Krzysztof Ibisz to bez wątpienia jedna z największych gwiazd Polsatu, która w dodatku przeżywa prawdziwy renesans własnej popularności. Wszystko to dzięki udziałowi w programie "Twoja Twarz Brzmi Znajomo", gdzie zdążył wypracować sobie łatkę ulubieńca widzów.
Ostatnimi czasy o Krzysztofie Ibiszu głośno jest również za sprawą jego życia prywatnego. Pod koniec zeszłego roku wraz z Joanną Kudzbalską doczekali się pierwszego potomka, któremu dali na imię Borys. Para jest ze sobą już od trzech lat, a w 2021 roku stanęła na ślubnym kobiercu, czyniąc z Ibisza żonatego już po raz trzeci.
Dalsza część artykułu pod materiałem wideo
Joanna i Krzysztof Ibiszowie zdradzają przepis na dobry związek i wieczną młodość
Krzysztof Ibisz pochwalił się zdjęciem z najmłodszym synem
Z okazji pierwszych świąt w towarzystwie malucha, prezenter postanowił pochwalić się rodzinnym zdjęciem, na którym zapozował wraz z Borysem w otoczeniu wiejsko-leśnego krajobrazu.
Wschód słońca to jest przeżycie. Oglądamy i życzymy miłej Wielkiej Soboty - czytamy pod postem.
Fotka ta jednak widocznie nie spodobała się pewnej internautce, która zwróciła uwagę na znamię, jakie maluch Ibisza miał z tyłu głowy. Kobieta prędko zabiła na alarm, dopytując prezentera, co konkretnie znajduje się na główce chłopca i czy czasem nie jest to wina pokarmu, jaki mu podają...

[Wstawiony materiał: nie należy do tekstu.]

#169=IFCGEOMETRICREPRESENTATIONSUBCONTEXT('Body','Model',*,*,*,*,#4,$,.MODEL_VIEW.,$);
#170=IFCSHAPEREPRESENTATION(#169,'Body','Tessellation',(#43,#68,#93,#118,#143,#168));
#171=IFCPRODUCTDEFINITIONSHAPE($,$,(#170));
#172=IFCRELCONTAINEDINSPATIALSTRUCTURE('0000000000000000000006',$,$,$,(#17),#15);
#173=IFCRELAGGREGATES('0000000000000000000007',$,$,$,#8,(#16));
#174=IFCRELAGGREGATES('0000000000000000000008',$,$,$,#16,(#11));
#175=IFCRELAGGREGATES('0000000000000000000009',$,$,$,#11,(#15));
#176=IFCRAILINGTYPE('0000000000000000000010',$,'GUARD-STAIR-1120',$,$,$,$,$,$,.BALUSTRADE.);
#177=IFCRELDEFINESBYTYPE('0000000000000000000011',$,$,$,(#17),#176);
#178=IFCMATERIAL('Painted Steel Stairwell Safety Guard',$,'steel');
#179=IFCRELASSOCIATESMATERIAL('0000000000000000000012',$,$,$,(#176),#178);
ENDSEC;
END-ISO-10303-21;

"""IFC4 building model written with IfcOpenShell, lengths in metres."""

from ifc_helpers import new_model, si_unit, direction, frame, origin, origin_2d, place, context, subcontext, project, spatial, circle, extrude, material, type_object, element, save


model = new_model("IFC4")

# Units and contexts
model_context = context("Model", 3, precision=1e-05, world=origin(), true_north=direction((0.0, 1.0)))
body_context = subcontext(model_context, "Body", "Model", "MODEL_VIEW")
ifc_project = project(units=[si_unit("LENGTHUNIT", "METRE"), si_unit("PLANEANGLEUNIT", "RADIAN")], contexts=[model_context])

Co synek ma na główce? Chyba nie karmicie go substytutami mleka matki - grzmiała, załączając na końcu wypowiedzi ikonkę z kurczakiem w skorupce.
Sami rodzice malucha nie odnieśli się do komentarza kobiety. Zrobiła to jednak była żona Krzysztofa, Anna Nowak-Ibisz, która po krótkiej wymianie zdań z ciekawską internautką zarzuciła jej, że zachowuje się jak "toksyczna teściowa".
Nikt w tym poście nie prosi o zwracanie uwagi na temat dziecka i jego karmienia, ani o dobre rady z gatunku: Chyba nie karmicie… Charakter Pani wypowiedzi, a raczej pouczenia dorosłych ludzi, ma wydźwięk toksycznej teściowej, najpierw nieproszona wejdę wam z butami do życia, w sposób obcesowy i negatywny podsumuje karmienie substytutami mleka (broń Boże, samo zło), a na koniec pożyczę Wesołych Świąt - czytamy w obronie Ibisza.
Miło z jej strony?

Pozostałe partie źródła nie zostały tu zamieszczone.